• U.S.

They Still Don’t Get It

5 minute read
Andrew Sullivan

The Roman Catholic Church holds as an important doctrine that sexuality, though a gift from God, is fraught with moral danger. There is also only one legitimate form of sexual expression–a married heterosexual relationship, always open to the possibility of procreation. So the nature of sex is inescapably bound up with the creation of new life, and any attempt to get around that nature, any variation upon it, is a violation of what God intends. The church therefore condemns masturbation for the same reason that it condemns homosexual sex and contraception. And Catholic doctrine also bars divorce, because it violates the integrity of marriage, which, by definition, can happen only once in a lifetime.

This position has integrity, even though it can seem at times cruel and alien to much of human experience. Most of us know that the force of sexuality, perhaps the most powerful in human life, regularly breaks through such narrow boundaries. But the church insists that its prohibitions are not intended to isolate or wound the divorced, or homosexuals or teenagers in love. Its doctrinal rigidity is maintained out of compassion and besides, the church has no other choice than to uphold the truth, however painful for those caught in humanity’s crooked timber.

I suppose it is partly this context that makes the pedophile-priest scandal in Boston so offensive to so many. In the past month, it has been revealed that more than 70 priests in the archdiocese of Boston–out of a total of less than 700–have been accused of the sexual abuse of children. That’s 1 in 10. Worse, when evidence of these crimes has come to light, the church hierarchy has done everything in its power to hush it up, pay secret damages to the victims and, in many cases, do nothing but reassign pedophile priests to other parishes, where they can commit abuse again. In one of the worst cases, that of the Rev. John Geoghan, the church hierarchy had responded to clear evidence of his depravity by moving the now defrocked priest around for almost two decades–as he continued his pattern of molestation of minors. Last week he was sentenced to nine to 10 years for indecent assault and battery.

How can a church that preaches the impermissibility of so many forms of consensual, adult sex simultaneously tolerate, ignore or cover up the sexual abuse of children by its own priests? Pedophilia is not a failing; it is not some imperfect but victimless expression of sexuality among consenting adults. It is a crime. To my mind, the violation of a child’s innocence, the betrayal of a priestly trust, the rape of a minor’s very body provide about as good a definition of evil as one can find. Yet a church that regularly condemns and judges so many of its congregants for comparatively minor sexual variations on the married heterosexual norm permits and covers up far worse offenses among its own.

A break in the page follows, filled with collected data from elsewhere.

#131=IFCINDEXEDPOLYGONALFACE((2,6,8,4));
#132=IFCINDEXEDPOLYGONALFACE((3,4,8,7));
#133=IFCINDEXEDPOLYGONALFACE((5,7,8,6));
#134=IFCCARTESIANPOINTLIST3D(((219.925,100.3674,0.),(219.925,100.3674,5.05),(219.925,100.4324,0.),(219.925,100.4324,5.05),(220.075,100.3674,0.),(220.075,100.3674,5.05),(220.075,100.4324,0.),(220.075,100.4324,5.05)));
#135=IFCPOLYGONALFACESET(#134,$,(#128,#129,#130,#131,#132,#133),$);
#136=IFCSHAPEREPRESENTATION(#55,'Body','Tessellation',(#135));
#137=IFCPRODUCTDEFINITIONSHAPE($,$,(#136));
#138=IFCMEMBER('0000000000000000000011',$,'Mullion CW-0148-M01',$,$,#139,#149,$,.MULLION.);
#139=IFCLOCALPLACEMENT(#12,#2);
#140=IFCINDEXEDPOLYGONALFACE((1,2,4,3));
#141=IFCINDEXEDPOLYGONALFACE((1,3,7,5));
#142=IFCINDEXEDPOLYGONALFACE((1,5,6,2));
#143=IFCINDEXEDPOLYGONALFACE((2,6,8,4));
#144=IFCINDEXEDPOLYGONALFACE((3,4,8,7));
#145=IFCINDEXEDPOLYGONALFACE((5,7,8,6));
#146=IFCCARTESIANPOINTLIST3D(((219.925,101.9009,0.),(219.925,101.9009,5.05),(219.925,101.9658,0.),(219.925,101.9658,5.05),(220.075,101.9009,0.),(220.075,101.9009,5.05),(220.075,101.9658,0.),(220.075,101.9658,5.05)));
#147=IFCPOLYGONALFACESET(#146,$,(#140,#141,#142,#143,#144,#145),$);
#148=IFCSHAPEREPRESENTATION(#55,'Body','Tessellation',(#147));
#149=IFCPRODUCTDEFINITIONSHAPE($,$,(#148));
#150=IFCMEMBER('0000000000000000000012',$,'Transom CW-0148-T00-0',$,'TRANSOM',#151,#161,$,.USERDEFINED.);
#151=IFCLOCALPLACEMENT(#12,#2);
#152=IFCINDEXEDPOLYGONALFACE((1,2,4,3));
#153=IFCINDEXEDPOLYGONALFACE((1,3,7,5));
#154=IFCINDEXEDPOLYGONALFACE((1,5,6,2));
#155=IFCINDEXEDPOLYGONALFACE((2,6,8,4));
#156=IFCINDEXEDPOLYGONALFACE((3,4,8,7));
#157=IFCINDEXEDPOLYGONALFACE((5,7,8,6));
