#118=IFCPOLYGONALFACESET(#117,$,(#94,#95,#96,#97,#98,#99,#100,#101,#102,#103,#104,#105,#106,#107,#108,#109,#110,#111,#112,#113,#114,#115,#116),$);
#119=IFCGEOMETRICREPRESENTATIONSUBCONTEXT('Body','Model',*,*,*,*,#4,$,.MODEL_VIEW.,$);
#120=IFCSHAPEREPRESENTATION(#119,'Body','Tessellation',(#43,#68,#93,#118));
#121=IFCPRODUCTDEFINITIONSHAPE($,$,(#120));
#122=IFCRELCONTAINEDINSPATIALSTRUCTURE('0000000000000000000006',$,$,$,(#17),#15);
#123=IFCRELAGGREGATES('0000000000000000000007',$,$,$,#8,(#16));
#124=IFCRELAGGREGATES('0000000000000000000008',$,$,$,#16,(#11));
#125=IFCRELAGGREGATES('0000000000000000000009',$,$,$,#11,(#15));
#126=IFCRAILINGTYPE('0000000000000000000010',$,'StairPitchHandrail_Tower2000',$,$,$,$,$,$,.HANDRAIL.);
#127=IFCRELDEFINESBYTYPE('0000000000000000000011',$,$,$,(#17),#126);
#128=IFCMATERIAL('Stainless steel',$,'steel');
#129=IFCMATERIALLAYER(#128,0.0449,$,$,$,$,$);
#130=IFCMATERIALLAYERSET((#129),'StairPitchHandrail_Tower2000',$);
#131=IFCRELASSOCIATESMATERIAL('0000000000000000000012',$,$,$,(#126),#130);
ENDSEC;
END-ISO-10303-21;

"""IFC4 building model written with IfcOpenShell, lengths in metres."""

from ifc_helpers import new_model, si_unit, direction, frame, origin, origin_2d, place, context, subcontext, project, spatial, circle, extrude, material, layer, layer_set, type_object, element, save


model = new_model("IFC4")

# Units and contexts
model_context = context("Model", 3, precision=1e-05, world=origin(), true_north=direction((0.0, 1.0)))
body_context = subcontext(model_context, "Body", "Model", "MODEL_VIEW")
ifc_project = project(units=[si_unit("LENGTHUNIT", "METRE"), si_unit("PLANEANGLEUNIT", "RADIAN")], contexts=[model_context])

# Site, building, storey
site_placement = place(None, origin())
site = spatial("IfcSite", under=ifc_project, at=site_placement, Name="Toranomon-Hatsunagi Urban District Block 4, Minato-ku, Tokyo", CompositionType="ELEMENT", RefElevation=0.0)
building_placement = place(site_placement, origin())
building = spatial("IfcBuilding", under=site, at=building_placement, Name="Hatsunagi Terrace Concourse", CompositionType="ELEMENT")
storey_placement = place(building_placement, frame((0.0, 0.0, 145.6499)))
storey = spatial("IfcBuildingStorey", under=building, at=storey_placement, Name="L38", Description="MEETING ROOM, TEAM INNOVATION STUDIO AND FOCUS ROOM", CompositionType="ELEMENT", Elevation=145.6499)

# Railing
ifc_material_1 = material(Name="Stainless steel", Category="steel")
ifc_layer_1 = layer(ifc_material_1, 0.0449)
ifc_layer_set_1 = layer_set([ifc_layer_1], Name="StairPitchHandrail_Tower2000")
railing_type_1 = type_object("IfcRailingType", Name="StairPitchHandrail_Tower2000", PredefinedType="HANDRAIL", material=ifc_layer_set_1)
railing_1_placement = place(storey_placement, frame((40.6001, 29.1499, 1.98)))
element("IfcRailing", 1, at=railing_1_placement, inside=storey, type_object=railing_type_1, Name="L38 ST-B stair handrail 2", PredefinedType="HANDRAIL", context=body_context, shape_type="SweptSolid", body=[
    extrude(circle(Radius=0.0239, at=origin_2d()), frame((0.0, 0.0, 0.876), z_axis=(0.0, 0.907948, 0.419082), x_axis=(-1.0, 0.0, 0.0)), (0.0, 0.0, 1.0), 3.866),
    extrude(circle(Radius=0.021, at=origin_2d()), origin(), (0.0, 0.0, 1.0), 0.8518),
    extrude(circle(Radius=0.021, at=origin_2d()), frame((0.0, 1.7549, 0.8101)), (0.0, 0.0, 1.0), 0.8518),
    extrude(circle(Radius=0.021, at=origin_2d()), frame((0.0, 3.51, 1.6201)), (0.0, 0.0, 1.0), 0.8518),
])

And they still don’t get it. Yes, Cardinal Law has formally apologized. But his reckoning was carefully parsed. “In retrospect,” Law said in his formal statement, the “response of the archdiocese to the grave evil…was flawed and inadequate.” In retrospect? By what conceivable moral argument could ignoring child abuse be deemed at any time acceptable? “In retrospect,” he also said, he had put children in danger, “albeit unintentionally.” How can a church demand moral responsibility of its members if its leaders cannot do so when unmitigated evil is standing right in front of them?

This is not a liberal or conservative issue. Sure, liberal Catholics see the scandal as another indicator of the sexual dysfunction at the heart of the church. And they have a point. Celibacy is an onerous burden that can easily distort a person’s psyche. Moreover, many sexually conflicted men gravitate to the priesthood precisely because it promises to put a straitjacket on their compulsions and confusions. Alas, that straitjacket can often come undone. The absence of women in the higher reaches of the church further distorts the atmosphere; and the presence of large numbers of gay priests–forced to preach against their very identity and fight against their own need for love–only intensifies the psychological pressure of the priesthood. But conservatives are just as outraged. The abuse of children rightly provokes horror among traditional Catholics, and they have been admirably reluctant to close ranks behind the corrupted hierarchy. Besides, the most devout and trusting have often been the most victimized. “After he molested me, he would bless me,” a former altar boy, abused in the Los Angeles diocese, recently told the Los Angeles Times. “It’s very confusing. I was in the center of my mother’s life–the church–and she thought I was doing constructive things by being with the priest. After we did these things, he’d put his hand on my head and make the sign of the cross.”

This isn’t a failing of the church; it’s an attack upon its integrity–by its own clergy. Until this evil is rooted out–and until the culpable bishops and cardinals who tolerated it resign–it will surely be hard for American Catholics to trust or love their church again.